To connect systems using asynchronous messages, there are quite a few solutions available. That said, they can be separated in two main types: message brokers and distributed logs. And even though they solve the same problem, it’s important to consider the concepts that they’ve been built on to understand in which situations they perform better.
Messages brokers are the classic messaging alternative. They consist of a broker that accepts messages from producers, puts them on a queue and routes them to the consumers. They’re usually quite sophisticated, providing features like:
- Message transformation and encoding
- Routing and filtering based on the contents of the message
- Consumers can subscribe to queues with names that follow a pattern
- Message transactions and rollbacks
- Queues can be configured to have exclusive consumers (task queues) or to send the same message to a set of consumers
It’s also worth noticing that, unlike distributed logs, once a message has been delivered to a consumer it cannot be replayed. If the need arises, the producer will have to republish the message.

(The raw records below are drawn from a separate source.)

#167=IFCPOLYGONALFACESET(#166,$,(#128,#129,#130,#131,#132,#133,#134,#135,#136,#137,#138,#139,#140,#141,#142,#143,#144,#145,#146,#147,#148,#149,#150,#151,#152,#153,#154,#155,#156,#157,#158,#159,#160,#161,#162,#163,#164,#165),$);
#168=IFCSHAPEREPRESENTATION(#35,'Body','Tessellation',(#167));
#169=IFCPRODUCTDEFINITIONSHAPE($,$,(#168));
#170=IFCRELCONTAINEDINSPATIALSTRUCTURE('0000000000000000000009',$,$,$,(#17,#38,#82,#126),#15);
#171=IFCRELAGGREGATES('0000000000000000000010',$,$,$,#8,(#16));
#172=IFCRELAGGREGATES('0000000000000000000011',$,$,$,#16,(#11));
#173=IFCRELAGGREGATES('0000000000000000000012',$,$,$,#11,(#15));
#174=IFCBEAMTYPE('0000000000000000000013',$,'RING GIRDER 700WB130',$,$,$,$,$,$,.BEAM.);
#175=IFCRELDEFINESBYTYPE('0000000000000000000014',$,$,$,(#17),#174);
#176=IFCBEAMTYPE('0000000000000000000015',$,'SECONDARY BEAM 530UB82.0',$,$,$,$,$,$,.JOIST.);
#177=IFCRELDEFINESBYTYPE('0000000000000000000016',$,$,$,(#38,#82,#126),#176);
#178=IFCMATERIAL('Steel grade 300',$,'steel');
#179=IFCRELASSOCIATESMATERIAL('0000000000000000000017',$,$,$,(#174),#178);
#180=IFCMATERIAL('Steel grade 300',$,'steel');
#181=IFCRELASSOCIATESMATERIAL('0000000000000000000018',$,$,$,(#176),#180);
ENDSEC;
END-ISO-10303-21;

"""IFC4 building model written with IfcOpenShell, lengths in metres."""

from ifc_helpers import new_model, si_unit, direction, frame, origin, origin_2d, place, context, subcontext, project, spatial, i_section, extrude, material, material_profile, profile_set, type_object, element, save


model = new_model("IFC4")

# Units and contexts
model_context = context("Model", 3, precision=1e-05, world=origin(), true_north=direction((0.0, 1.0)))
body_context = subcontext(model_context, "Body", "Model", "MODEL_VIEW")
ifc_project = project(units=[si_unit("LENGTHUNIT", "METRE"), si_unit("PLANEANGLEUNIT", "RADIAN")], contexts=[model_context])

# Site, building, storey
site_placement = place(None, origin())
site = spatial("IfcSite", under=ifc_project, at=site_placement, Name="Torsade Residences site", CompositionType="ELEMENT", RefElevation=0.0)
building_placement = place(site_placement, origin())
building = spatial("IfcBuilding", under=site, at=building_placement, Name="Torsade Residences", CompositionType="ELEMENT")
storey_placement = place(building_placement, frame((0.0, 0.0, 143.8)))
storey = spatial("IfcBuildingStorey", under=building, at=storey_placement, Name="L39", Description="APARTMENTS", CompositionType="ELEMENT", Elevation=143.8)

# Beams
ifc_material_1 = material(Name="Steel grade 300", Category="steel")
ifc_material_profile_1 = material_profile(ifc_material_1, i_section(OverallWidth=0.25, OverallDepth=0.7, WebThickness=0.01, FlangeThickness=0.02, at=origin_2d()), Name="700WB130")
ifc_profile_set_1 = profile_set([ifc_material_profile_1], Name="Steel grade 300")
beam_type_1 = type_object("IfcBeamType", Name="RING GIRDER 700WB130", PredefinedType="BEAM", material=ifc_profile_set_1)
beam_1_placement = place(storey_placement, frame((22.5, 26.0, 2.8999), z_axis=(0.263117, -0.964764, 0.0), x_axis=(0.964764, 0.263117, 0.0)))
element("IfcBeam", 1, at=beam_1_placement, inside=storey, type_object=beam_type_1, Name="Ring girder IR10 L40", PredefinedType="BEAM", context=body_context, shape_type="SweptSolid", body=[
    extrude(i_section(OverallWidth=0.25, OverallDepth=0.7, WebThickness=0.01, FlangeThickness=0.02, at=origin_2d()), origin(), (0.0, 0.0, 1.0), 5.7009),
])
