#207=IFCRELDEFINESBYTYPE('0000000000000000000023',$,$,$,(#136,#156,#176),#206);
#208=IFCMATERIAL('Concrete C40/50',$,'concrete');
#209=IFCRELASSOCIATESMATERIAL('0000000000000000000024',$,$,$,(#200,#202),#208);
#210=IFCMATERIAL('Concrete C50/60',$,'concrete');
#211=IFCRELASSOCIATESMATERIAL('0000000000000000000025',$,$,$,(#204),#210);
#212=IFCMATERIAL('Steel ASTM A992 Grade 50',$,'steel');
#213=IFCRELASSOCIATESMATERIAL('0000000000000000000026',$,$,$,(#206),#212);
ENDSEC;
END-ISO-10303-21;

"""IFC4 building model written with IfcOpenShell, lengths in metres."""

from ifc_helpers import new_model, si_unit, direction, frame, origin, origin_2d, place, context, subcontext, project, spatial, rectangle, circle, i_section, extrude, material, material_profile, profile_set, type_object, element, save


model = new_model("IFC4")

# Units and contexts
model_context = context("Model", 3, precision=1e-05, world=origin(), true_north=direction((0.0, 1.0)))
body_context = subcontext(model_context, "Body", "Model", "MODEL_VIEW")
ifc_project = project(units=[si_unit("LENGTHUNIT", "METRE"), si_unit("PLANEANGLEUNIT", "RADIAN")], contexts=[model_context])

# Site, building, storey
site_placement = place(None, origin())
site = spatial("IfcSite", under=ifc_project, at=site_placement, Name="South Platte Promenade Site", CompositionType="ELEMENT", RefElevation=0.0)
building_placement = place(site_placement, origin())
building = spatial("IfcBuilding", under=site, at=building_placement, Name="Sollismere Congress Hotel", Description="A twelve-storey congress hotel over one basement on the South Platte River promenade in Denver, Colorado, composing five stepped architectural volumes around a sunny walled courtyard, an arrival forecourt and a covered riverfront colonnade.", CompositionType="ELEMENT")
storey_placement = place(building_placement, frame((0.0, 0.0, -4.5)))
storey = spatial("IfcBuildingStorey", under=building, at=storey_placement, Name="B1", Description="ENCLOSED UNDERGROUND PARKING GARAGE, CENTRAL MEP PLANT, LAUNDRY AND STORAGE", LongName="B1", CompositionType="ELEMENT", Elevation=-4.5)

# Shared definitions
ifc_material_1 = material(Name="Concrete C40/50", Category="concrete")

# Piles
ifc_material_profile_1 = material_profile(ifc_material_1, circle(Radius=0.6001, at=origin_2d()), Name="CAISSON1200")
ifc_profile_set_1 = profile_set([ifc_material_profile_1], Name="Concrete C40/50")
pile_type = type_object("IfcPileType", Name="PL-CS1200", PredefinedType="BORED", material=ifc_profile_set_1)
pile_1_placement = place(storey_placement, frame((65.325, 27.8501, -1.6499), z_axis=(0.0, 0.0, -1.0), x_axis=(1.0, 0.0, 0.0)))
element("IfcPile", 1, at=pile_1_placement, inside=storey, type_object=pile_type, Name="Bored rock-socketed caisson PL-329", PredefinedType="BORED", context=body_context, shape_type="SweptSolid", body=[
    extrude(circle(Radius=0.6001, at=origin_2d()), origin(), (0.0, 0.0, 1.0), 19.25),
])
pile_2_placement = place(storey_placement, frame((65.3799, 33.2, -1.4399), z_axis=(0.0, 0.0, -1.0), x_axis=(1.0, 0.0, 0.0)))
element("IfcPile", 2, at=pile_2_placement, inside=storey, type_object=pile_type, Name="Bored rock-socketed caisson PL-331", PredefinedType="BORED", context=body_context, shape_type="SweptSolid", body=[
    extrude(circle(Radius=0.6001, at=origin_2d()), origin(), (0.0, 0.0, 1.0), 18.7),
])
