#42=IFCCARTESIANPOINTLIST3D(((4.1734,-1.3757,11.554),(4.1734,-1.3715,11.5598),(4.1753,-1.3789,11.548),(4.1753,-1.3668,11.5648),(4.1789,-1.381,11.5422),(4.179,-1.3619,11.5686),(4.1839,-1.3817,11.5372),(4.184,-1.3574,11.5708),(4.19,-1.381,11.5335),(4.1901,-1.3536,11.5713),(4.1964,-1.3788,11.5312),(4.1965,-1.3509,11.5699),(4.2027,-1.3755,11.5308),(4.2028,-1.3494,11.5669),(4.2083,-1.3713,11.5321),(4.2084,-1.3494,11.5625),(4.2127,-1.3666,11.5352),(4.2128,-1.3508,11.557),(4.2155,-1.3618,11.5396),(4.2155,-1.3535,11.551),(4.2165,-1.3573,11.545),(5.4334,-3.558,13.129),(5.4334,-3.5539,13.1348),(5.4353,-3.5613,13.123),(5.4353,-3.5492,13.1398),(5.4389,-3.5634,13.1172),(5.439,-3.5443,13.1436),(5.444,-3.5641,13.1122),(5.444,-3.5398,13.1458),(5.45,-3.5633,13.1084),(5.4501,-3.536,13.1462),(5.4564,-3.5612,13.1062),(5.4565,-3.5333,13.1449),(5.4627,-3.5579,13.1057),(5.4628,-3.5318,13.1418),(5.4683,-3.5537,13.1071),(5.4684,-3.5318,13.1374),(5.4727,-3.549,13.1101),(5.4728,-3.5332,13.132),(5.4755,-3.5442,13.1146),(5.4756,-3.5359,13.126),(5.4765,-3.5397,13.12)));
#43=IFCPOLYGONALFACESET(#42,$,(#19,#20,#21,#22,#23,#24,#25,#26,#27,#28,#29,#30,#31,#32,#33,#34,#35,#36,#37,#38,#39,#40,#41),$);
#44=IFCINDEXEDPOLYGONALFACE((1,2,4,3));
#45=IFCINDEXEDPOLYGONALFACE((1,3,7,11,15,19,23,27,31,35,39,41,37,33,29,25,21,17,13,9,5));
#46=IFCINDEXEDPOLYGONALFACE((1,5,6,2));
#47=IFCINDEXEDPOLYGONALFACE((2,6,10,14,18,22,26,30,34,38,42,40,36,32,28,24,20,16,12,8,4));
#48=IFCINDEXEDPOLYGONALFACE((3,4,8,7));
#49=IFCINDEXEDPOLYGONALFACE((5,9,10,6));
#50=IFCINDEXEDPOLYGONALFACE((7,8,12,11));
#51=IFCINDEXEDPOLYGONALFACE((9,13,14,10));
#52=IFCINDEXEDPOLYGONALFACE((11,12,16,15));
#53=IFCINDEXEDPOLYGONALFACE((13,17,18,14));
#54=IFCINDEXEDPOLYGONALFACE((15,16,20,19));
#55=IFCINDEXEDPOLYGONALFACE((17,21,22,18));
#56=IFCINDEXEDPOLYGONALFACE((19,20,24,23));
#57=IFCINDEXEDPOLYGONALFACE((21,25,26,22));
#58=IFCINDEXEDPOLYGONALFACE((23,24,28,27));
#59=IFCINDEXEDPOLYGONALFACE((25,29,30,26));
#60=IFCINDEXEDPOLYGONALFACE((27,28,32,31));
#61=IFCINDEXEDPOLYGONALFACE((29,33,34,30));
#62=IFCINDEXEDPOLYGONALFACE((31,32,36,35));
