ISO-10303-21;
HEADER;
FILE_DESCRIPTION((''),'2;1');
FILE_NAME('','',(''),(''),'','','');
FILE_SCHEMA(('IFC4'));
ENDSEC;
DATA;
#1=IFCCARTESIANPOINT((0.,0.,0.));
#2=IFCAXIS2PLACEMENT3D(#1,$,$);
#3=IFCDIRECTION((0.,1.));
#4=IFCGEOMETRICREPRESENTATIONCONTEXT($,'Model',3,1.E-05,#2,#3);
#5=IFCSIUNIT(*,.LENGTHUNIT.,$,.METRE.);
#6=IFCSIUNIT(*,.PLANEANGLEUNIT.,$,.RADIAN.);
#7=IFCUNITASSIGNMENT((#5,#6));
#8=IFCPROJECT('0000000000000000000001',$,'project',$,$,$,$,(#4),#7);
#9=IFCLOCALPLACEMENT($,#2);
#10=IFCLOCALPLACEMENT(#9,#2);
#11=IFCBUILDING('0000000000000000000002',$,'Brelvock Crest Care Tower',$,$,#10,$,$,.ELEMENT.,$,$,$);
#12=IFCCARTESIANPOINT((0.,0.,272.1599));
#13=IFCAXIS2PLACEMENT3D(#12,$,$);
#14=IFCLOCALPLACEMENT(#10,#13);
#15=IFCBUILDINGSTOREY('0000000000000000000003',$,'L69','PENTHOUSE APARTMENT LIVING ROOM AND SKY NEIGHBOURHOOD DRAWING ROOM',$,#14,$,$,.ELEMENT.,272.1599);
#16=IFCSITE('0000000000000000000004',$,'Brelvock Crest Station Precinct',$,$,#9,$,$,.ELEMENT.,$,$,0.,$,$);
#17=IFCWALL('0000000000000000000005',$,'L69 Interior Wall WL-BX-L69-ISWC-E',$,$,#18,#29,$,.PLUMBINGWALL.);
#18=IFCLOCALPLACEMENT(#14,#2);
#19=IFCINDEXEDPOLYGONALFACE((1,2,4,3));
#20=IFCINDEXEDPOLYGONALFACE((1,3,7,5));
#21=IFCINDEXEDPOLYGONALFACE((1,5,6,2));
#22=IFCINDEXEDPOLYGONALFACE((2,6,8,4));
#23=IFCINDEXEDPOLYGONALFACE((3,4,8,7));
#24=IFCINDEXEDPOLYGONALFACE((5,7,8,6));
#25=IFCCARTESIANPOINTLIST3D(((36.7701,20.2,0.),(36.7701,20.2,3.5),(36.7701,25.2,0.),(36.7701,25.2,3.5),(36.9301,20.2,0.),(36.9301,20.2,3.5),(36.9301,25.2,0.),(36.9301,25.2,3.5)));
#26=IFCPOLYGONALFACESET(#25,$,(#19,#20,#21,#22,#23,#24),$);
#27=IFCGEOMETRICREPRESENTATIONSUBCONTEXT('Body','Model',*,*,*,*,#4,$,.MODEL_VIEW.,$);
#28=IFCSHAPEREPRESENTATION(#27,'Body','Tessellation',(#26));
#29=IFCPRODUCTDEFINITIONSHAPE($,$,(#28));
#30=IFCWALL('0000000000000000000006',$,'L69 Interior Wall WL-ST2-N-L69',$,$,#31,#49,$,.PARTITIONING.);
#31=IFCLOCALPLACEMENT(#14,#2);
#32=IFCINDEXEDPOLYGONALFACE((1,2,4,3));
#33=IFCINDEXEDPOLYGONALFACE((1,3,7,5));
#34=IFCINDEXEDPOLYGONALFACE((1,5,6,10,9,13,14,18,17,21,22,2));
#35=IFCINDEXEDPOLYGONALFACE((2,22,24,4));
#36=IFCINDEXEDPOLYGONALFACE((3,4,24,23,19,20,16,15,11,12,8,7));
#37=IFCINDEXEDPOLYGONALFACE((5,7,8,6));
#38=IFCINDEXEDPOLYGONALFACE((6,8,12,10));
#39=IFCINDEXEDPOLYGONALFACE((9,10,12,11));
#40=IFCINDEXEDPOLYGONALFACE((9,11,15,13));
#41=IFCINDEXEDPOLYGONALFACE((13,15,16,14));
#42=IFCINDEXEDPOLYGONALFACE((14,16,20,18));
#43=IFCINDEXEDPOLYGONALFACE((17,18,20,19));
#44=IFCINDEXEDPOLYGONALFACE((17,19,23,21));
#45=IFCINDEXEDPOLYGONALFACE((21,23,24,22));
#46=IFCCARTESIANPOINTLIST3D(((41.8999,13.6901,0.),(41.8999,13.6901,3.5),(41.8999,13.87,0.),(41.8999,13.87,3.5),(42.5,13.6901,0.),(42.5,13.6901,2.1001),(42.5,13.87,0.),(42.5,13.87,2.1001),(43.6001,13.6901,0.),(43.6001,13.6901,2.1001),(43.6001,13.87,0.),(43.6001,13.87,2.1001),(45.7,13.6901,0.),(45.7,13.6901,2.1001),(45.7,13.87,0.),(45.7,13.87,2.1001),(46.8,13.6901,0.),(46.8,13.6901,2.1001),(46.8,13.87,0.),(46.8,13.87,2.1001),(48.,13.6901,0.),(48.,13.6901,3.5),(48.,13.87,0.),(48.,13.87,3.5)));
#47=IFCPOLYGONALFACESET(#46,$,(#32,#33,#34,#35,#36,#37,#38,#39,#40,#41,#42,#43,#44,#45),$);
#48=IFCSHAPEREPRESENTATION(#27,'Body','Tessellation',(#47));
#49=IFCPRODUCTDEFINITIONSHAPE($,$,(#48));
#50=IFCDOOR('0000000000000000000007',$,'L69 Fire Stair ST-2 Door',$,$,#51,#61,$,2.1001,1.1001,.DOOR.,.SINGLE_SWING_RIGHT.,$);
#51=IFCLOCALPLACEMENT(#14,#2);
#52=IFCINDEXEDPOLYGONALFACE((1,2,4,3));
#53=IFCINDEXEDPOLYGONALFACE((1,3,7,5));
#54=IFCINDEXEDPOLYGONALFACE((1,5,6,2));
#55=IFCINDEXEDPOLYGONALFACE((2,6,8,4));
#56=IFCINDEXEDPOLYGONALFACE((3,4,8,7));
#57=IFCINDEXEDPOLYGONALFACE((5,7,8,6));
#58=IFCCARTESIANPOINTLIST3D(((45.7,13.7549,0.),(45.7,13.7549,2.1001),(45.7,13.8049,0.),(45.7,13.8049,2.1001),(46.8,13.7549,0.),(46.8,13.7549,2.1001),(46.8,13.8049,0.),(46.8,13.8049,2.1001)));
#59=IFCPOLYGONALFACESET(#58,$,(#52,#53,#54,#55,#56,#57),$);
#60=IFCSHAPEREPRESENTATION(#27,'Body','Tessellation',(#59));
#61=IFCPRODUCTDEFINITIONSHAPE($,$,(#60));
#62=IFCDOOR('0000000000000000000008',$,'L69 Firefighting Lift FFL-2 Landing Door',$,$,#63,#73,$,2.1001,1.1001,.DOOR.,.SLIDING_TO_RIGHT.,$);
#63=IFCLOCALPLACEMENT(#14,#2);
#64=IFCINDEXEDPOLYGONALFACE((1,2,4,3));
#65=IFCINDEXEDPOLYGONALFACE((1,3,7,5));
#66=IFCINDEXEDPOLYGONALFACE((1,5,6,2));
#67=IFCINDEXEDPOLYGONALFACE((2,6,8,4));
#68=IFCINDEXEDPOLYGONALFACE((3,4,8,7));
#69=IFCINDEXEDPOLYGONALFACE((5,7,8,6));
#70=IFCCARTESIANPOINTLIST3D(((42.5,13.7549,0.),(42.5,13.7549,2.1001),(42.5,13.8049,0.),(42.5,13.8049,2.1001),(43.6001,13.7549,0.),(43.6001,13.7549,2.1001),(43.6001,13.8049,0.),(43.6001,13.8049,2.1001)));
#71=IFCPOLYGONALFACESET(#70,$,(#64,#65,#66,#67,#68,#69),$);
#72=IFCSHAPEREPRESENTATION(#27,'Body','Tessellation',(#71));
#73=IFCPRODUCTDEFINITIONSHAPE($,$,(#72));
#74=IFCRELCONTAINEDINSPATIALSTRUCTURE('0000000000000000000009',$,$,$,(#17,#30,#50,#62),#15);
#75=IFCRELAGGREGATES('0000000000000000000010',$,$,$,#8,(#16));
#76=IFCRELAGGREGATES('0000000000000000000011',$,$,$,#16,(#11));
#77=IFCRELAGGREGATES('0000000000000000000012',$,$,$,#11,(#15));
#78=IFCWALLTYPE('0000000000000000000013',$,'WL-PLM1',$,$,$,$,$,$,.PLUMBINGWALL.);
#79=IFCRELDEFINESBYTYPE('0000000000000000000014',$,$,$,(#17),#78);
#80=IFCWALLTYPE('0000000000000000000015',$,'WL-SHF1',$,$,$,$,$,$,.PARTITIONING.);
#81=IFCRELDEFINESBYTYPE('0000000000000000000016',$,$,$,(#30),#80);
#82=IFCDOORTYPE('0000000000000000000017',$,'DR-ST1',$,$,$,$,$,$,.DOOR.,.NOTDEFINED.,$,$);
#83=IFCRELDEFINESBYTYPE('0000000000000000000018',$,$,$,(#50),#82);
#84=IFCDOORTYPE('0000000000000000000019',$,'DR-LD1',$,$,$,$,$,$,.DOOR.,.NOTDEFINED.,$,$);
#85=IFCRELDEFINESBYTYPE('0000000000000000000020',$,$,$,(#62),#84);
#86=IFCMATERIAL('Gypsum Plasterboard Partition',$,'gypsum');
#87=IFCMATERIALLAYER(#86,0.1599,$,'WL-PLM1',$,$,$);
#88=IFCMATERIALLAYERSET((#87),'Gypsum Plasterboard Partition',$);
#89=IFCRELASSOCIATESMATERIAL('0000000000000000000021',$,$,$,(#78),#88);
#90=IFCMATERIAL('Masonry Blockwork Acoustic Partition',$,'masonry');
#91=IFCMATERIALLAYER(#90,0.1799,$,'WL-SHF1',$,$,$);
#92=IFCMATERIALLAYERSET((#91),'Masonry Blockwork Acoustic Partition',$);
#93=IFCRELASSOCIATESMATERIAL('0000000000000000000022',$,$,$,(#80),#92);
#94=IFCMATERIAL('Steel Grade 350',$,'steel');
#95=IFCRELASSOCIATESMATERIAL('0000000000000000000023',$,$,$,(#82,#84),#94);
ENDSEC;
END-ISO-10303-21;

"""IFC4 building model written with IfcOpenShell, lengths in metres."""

from ifc_helpers import new_model, si_unit, direction, frame, frame_2d, origin, origin_2d, place, context, subcontext, project, spatial, rectangle, extrude, source, transform, mapped, material, layer, layer_set, type_object, element, fill, save


model = new_model("IFC4")

# Units and contexts
model_context = context("Model", 3, precision=1e-05, world=origin(), true_north=direction((0.0, 1.0)))
body_context = subcontext(model_context, "Body", "Model", "MODEL_VIEW")
ifc_project = project(units=[si_unit("LENGTHUNIT", "METRE"), si_unit("PLANEANGLEUNIT", "RADIAN")], contexts=[model_context])

# Site, building, storey
site_placement = place(None, origin())
site = spatial("IfcSite", under=ifc_project, at=site_placement, Name="Brelvock Crest Station Precinct", CompositionType="ELEMENT", RefElevation=0.0)
building_placement = place(site_placement, origin())
building = spatial("IfcBuilding", under=site, at=building_placement, Name="Brelvock Crest Care Tower", CompositionType="ELEMENT")
storey_placement = place(building_placement, frame((0.0, 0.0, 272.1599)))
storey = spatial("IfcBuildingStorey", under=building, at=storey_placement, Name="L69", Description="PENTHOUSE APARTMENT LIVING ROOM AND SKY NEIGHBOURHOOD DRAWING ROOM", CompositionType="ELEMENT", Elevation=272.1599)

# Shared definitions
ifc_material_1 = material(Name="Steel Grade 350", Category="steel")

# Shared definitions
ifc_material_2 = material(Name="Masonry Blockwork Acoustic Partition", Category="masonry")

# Shared definitions
ifc_material_3 = material(Name="Gypsum Plasterboard Partition", Category="gypsum")
ifc_layer_1 = layer(ifc_material_3, 0.1599, Name="WL-PLM1")
ifc_layer_set_1 = layer_set([ifc_layer_1], Name="Gypsum Plasterboard Partition")
wall_type_1 = type_object("IfcWallType", Name="WL-PLM1", PredefinedType="PLUMBINGWALL", material=ifc_layer_set_1)

# Wall
wall_1_placement = place(storey_placement, frame((36.8501, 20.2, 0.0), z_axis=(0.0, 0.0, 1.0), x_axis=(0.0, 1.0, 0.0)))
element("IfcWall", 1, at=wall_1_placement, inside=storey, type_object=wall_type_1, Name="L69 Interior Wall WL-BX-L69-ISWC-E", PredefinedType="PLUMBINGWALL", context=body_context, shape_type="SweptSolid", body=[
    extrude(rectangle(XDim=5.0, YDim=0.1599, at=frame_2d((2.5, 0.0))), origin(), (0.0, 0.0, 1.0), 3.5),
])

# Wall, openings, doors
ifc_layer_2 = layer(ifc_material_2, 0.1799, Name="WL-SHF1")
ifc_layer_set_2 = layer_set([ifc_layer_2], Name="Masonry Blockwork Acoustic Partition")
wall_type_2 = type_object("IfcWallType", Name="WL-SHF1", PredefinedType="PARTITIONING", material=ifc_layer_set_2)
wall_2_placement = place(storey_placement, frame((41.8999, 13.78, 0.0), z_axis=(0.0, 0.0, 1.0), x_axis=(1.0, 0.0, 0.0)))
wall_2 = element("IfcWall", 2, at=wall_2_placement, inside=storey, type_object=wall_type_2, Name="L69 Interior Wall WL-ST2-N-L69", PredefinedType="PARTITIONING", context=body_context, shape_type="SweptSolid", body=[
    extrude(rectangle(XDim=6.1001, YDim=0.1799, at=frame_2d((3.05, 0.0))), origin(), (0.0, 0.0, 1.0), 3.5),
])
opening_1_placement = place(wall_2_placement, frame((0.6001, 0.0, 0.0)))
opening_1 = element("IfcOpeningElement", 3, at=opening_1_placement, cuts=wall_2, PredefinedType="OPENING", context=body_context, shape_type="SweptSolid", body=[
    extrude(rectangle(XDim=1.1001, YDim=2.1001, at=origin_2d()), frame((0.55, 0.1001, 1.05), z_axis=(0.0, -1.0, 0.0), x_axis=(1.0, 0.0, 0.0)), (0.0, 0.0, 1.0), 0.2),
])
opening_2_placement = place(wall_2_placement, frame((3.8, 0.0, 0.0)))
opening_2 = element("IfcOpeningElement", 4, at=opening_2_placement, cuts=wall_2, PredefinedType="OPENING", context=body_context, shape_type="SweptSolid", body=[
    extrude(rectangle(XDim=1.1001, YDim=2.1001, at=origin_2d()), frame((0.55, 0.1001, 1.05), z_axis=(0.0, -1.0, 0.0), x_axis=(1.0, 0.0, 0.0)), (0.0, 0.0, 1.0), 0.2),
])
door_type_1 = type_object("IfcDoorType", Name="DR-ST1", OperationType="NOTDEFINED", PredefinedType="DOOR", material=ifc_material_1)
shared_shape_1 = source(origin(), body_context, "Body", "SweptSolid", [
    extrude(rectangle(XDim=1.1001, YDim=2.1001, at=origin_2d()), frame((0.55, 0.0249, 1.05), z_axis=(0.0, -1.0, 0.0), x_axis=(1.0, 0.0, 0.0)), (0.0, 0.0, 1.0), 0.05),
])
door_1_placement = place(opening_2_placement, origin())
door_1 = element("IfcDoor", 5, at=door_1_placement, inside=storey, type_object=door_type_1, Name="L69 Fire Stair ST-2 Door", OperationType="SINGLE_SWING_RIGHT", OverallHeight=2.1001, OverallWidth=1.1001, PredefinedType="DOOR", context=body_context, shape_type="MappedRepresentation", body=[
    mapped(shared_shape_1, transform((0.0, 0.0, 0.0), x_axis=(1.0, 0.0, 0.0), y_axis=(0.0, 1.0, 0.0), z_axis=(0.0, 0.0, 1.0), scale=1.0)),
])
fill(opening_2, door_1)
door_type_2 = type_object("IfcDoorType", Name="DR-LD1", OperationType="NOTDEFINED", PredefinedType="DOOR", material=ifc_material_1)
shared_shape_2 = source(origin(), body_context, "Body", "SweptSolid", [
    extrude(rectangle(XDim=1.1001, YDim=2.1001, at=origin_2d()), frame((0.55, 0.0249, 1.05), z_axis=(0.0, -1.0, 0.0), x_axis=(1.0, 0.0, 0.0)), (0.0, 0.0, 1.0), 0.05),
])
door_2_placement = place(opening_1_placement, origin())
door_2 = element("IfcDoor", 6, at=door_2_placement, inside=storey, type_object=door_type_2, Name="L69 Firefighting Lift FFL-2 Landing Door", OperationType="SLIDING_TO_RIGHT", OverallHeight=2.1001, OverallWidth=1.1001, PredefinedType="DOOR", context=body_context, shape_type="MappedRepresentation", body=[
    mapped(shared_shape_2, transform((0.0, 0.0, 0.0), x_axis=(1.0, 0.0, 0.0), y_axis=(0.0, 1.0, 0.0), z_axis=(0.0, 0.0, 1.0), scale=1.0)),
])
fill(opening_1, door_2)

save(model, "model.ifc")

Some of the most used message brokers are ActiveMQ, RabbitMQ and Amazon SQS.
Distributed logs are much simpler in comparison: producers can only write at the end of the log, and consumers can only read messages sequentially from an offset. But by having less features, they’re able to achieve higher throughputs. This is because sequential reads and writes are extremely fast, and the broker is not concerned about routing or transforming the messages. In fact, the broker doesn’t even store the offset of the consumers in the log, each consumer has to remember it.
Because logs are persistent, consumers can replay the same log entries whenever they want, just by providing the correct offset. This is quite handy if you discover a bug in a consumer, because the messages can be replayed to produce the correct output.
The way to distribute the load across nodes is by using partition keys, which determine the log partition where events are stored. It’s important to choose a correct partition key, because events are only guaranteed to be ordered within the same partition. For example, if an application requires to process the events for a given user in order, you could use the user IP as partition key.
Because of their performance, distributed logs are often used as a source or destination of batch and near real-time data processing architectures. They are also commonly used to intake data from large scale sources, like behaviour tracking or connected devices. In a sense, this simplification to achieve greater performance and scalability it’s similar to what NoSQL databases did with traditional RDBMS.
The first and most well-known distributed log is LinkedIn’s Kafka, but Amazon’s Kinesis and Microsoft’s Event Hubs follow the same architecture.